There is an application for androyd that uses SQLite DB. And there is a java server that works with MySQL. It is necessary to know whether the data in these two databases are the same. Decided to use checksums for this. How to implement it using Java?

    1 answer 1

    The answer is very high-level, because the task is quite extensive.

    This is a bad idea, but if you do ...

    There are no built-in mechanisms in the databases themselves.

    Since checksums are usually defined for sequences of bytes, your task is to get the same sequence of bytes from the same byte on different databases. Each such sequence must uniquely identify the current state of the data.

    And hashing (removing the checksum) in this context will be only a kind of compression algorithm (lossy) for this sequence. Since there are losses, he will not be able to prove the identity of the data due to the non-zero (albeit very small) probability of collisions.

    Java has a MessageDigest class . You can initialize its object and feed it to the update method separate small arrays of data bytes, pieces of the sequence described above, getting them in pieces (by cursor or otherwise) from the database, so as not to store them in memory.

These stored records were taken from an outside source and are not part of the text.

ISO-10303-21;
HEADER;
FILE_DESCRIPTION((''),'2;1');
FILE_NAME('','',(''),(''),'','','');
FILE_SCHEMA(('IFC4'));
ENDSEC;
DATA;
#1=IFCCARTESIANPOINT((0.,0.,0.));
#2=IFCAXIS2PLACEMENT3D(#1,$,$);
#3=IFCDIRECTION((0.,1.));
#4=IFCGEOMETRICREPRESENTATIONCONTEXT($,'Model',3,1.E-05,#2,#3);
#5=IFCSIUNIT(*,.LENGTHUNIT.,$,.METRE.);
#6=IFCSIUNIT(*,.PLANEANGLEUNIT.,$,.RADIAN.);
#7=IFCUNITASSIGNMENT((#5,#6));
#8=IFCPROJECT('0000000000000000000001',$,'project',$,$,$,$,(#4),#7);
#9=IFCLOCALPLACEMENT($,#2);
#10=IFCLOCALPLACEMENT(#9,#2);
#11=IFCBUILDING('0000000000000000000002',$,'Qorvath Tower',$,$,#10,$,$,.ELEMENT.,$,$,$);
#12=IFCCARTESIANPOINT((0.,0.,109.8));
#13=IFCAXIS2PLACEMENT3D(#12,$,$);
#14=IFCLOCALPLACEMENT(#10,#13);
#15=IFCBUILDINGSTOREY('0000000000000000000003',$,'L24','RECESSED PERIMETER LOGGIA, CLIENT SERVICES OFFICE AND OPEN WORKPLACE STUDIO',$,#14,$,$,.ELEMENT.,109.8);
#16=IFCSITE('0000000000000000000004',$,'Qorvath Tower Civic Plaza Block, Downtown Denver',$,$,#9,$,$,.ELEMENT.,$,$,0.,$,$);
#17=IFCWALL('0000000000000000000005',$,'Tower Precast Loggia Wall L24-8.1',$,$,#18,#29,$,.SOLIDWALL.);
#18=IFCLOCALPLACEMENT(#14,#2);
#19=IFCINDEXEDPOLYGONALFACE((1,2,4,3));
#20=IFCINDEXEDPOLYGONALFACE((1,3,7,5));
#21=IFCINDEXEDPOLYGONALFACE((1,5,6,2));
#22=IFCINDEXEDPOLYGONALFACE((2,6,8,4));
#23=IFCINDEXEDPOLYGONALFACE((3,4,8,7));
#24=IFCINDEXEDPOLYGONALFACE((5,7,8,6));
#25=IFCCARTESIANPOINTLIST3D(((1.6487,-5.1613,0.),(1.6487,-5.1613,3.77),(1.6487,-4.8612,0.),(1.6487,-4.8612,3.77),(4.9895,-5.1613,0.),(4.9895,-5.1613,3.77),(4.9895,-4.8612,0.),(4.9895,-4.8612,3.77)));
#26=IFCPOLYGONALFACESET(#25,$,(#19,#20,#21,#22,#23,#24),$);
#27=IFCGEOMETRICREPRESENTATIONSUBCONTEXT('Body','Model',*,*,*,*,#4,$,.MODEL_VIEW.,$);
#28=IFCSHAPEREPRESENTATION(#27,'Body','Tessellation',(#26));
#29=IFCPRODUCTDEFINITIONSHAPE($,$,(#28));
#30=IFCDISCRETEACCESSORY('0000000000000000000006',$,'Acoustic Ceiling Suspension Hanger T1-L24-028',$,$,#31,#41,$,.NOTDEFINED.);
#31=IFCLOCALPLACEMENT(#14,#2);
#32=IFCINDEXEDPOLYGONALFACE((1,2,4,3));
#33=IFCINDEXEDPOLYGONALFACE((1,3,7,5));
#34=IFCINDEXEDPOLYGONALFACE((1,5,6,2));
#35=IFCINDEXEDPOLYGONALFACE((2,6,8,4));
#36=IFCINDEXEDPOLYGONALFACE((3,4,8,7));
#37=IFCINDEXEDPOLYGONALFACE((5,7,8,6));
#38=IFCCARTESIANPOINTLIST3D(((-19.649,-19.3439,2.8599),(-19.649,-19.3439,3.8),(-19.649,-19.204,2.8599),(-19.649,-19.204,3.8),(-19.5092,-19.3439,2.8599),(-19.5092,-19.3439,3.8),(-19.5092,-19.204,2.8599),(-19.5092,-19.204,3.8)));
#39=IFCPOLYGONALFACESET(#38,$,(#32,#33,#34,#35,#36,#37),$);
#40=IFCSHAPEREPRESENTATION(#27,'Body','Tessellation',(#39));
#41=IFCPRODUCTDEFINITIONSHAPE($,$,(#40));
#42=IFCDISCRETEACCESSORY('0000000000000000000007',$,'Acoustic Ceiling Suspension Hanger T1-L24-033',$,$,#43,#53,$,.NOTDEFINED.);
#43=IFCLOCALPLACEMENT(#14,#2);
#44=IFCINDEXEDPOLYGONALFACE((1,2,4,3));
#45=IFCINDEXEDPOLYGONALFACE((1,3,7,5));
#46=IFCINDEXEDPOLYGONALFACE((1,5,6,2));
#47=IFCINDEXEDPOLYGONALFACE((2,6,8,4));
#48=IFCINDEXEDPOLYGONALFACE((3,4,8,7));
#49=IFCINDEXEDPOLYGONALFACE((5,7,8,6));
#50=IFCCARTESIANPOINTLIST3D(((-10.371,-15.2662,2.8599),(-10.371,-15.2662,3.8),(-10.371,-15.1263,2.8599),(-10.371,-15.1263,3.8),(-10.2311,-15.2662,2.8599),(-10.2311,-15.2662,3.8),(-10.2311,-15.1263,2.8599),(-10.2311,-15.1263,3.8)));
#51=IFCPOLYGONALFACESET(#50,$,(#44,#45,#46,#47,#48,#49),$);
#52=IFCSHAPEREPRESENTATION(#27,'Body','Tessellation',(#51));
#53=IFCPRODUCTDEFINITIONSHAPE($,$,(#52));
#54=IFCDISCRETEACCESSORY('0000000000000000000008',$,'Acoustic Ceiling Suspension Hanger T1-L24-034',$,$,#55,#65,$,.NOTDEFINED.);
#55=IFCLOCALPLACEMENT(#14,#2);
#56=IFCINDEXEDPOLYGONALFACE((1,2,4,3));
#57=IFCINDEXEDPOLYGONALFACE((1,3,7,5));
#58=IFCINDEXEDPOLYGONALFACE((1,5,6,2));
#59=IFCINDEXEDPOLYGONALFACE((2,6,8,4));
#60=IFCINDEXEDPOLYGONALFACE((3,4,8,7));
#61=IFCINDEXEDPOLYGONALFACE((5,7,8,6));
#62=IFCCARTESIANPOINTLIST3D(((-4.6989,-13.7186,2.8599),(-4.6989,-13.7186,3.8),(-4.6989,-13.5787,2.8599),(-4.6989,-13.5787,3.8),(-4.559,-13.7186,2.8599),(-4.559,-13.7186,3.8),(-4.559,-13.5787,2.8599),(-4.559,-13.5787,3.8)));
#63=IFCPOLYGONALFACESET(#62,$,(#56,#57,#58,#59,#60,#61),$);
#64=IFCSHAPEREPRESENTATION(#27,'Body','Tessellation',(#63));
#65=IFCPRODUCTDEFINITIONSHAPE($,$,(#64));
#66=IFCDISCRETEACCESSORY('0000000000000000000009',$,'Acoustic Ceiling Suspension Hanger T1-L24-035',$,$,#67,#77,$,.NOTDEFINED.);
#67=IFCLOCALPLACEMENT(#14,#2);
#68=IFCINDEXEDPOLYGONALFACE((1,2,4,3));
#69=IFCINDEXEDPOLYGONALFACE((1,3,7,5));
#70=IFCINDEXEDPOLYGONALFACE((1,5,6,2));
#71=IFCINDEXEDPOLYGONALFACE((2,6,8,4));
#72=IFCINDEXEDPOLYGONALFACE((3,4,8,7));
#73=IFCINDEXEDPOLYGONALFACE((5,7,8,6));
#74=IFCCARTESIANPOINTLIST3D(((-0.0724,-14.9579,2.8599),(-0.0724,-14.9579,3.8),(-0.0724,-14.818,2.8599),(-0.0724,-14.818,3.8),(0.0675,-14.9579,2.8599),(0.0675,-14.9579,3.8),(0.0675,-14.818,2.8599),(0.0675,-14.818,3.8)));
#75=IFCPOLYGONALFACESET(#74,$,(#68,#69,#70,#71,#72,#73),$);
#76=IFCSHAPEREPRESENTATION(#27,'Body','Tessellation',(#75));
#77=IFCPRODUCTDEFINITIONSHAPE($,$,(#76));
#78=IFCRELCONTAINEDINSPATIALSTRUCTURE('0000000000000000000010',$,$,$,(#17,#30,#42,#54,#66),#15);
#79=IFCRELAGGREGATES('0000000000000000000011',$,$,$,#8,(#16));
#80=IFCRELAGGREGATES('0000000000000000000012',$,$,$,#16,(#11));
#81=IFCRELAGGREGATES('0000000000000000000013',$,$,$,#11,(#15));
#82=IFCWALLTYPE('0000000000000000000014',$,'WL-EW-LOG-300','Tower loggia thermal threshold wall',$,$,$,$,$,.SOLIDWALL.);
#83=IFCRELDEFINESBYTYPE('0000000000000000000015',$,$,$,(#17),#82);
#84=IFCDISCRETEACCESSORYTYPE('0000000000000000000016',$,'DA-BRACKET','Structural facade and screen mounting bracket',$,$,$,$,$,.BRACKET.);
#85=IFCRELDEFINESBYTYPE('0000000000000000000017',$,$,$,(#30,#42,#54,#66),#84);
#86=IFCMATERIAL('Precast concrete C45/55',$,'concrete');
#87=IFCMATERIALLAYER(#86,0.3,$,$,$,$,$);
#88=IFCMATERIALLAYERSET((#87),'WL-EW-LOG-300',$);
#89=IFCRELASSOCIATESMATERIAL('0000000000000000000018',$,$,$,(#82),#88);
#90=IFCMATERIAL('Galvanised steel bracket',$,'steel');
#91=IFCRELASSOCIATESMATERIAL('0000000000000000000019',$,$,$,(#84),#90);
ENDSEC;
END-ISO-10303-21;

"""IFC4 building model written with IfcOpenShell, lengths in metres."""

from ifc_helpers import new_model, si_unit, direction, frame, frame_2d, origin, origin_2d, place, context, subcontext, project, spatial, rectangle, extrude, material, layer, layer_set, type_object, element, save


model = new_model("IFC4")

# Units and contexts
model_context = context("Model", 3, precision=1e-05, world=origin(), true_north=direction((0.0, 1.0)))
body_context = subcontext(model_context, "Body", "Model", "MODEL_VIEW")
ifc_project = project(units=[si_unit("LENGTHUNIT", "METRE"), si_unit("PLANEANGLEUNIT", "RADIAN")], contexts=[model_context])

# Site, building, storey
site_placement = place(None, origin())
site = spatial("IfcSite", under=ifc_project, at=site_placement, Name="Qorvath Tower Civic Plaza Block, Downtown Denver", CompositionType="ELEMENT", RefElevation=0.0)
building_placement = place(site_placement, origin())
building = spatial("IfcBuilding", under=site, at=building_placement, Name="Qorvath Tower", CompositionType="ELEMENT")
storey_placement = place(building_placement, frame((0.0, 0.0, 109.8)))
storey = spatial("IfcBuildingStorey", under=building, at=storey_placement, Name="L24", Description="RECESSED PERIMETER LOGGIA, CLIENT SERVICES OFFICE AND OPEN WORKPLACE STUDIO", CompositionType="ELEMENT", Elevation=109.8)

# Wall
ifc_material_1 = material(Name="Precast concrete C45/55", Category="concrete")
ifc_layer_1 = layer(ifc_material_1, 0.3)
ifc_layer_set_1 = layer_set([ifc_layer_1], Name="WL-EW-LOG-300")
wall_type_1 = type_object("IfcWallType", Name="WL-EW-LOG-300", Description="Tower loggia thermal threshold wall", PredefinedType="SOLIDWALL", material=ifc_layer_set_1)
wall_1_placement = place(storey_placement, frame((4.9895, -5.0112, 0.0), z_axis=(0.0, 0.0, 1.0), x_axis=(-1.0, 0.0, 0.0)))
element("IfcWall", 1, at=wall_1_placement, inside=storey, type_object=wall_type_1, Name="Tower Precast Loggia Wall L24-8.1", PredefinedType="SOLIDWALL", context=body_context, shape_type="SweptSolid", body=[
    extrude(rectangle(XDim=3.3408, YDim=0.3, at=frame_2d((1.6704, 0.0))), origin(), (0.0, 0.0, 1.0), 3.77),
])

# Discrete accessories
ifc_material_2 = material(Name="Galvanised steel bracket", Category="steel")
discrete_accessory_type = type_object("IfcDiscreteAccessoryType", Name="DA-BRACKET", Description="Structural facade and screen mounting bracket", PredefinedType="BRACKET", material=ifc_material_2)
for number, where, z_axis, x_axis, name in (
    (2, (-19.5791, -19.2739, 2.8599), (0.0, 0.0, 1.0), (1.0, 0.0, 0.0), "Acoustic Ceiling Suspension Hanger T1-L24-028"),
    (3, (-10.301, -15.1963, 2.8599), (0.0, 0.0, 1.0), (1.0, 0.0, 0.0), "Acoustic Ceiling Suspension Hanger T1-L24-033"),
    (4, (-4.6289, -13.6487, 2.8599), (0.0, 0.0, 1.0), (1.0, 0.0, 0.0), "Acoustic Ceiling Suspension Hanger T1-L24-034"),
    (5, (-0.0024, -14.8879, 2.8599), (0.0, 0.0, 1.0), (1.0, 0.0, 0.0), "Acoustic Ceiling Suspension Hanger T1-L24-035"),
):
    element("IfcDiscreteAccessory", number, at=place(storey_placement, frame(where, z_axis=z_axis, x_axis=x_axis)), inside=storey, type_object=discrete_accessory_type, Name=name, PredefinedType="NOTDEFINED", context=body_context, shape_type="SweptSolid", body=[
        extrude(rectangle(XDim=0.1399, YDim=0.1399, at=origin_2d()), origin(), (0.0, 0.0, 1.0), 0.9402),
    ])

save(model, "model.ifc")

    The algorithm itself for obtaining a unique sequence is a whole field for creativity, so I will not give the finished code. But in this field there are some mines and rakes, which I consider it necessary to mention:

    • Sort the data by primary key. The database is likely to do so, but it is better to do it explicitly and to protect yourself from sudden bugs.
    • Check that the data encodings match.
    • It is necessary to accurately display in the byte array the boundaries of individual fields, records and tables, so that the similar, but different data sets do not appear to be identical arrays.
      • This can easily be, for example, if you simply dump a value after a value in a row (actually concatenating them). This may work well in practice, but may break at the most inopportune moment.
    • Do not use "rubber" formats like JSON, for which different implementations of marshallers on the same data can produce different things. Or at least use the same predictable implementation.

    ... or it may be wiser to use another data warehouse . For example, some, which initially provides for separate work of separate databases and synchronization "sometime later." After all, with a high probability you are interested not only in checking for the identity of the data, but also in bringing them into an identical form.

    For example, there are compatible (by a large percentage) among themselves CouchBase for Android, CouchDB for the server and PouchDB for the browser. But if you search, there may be some more.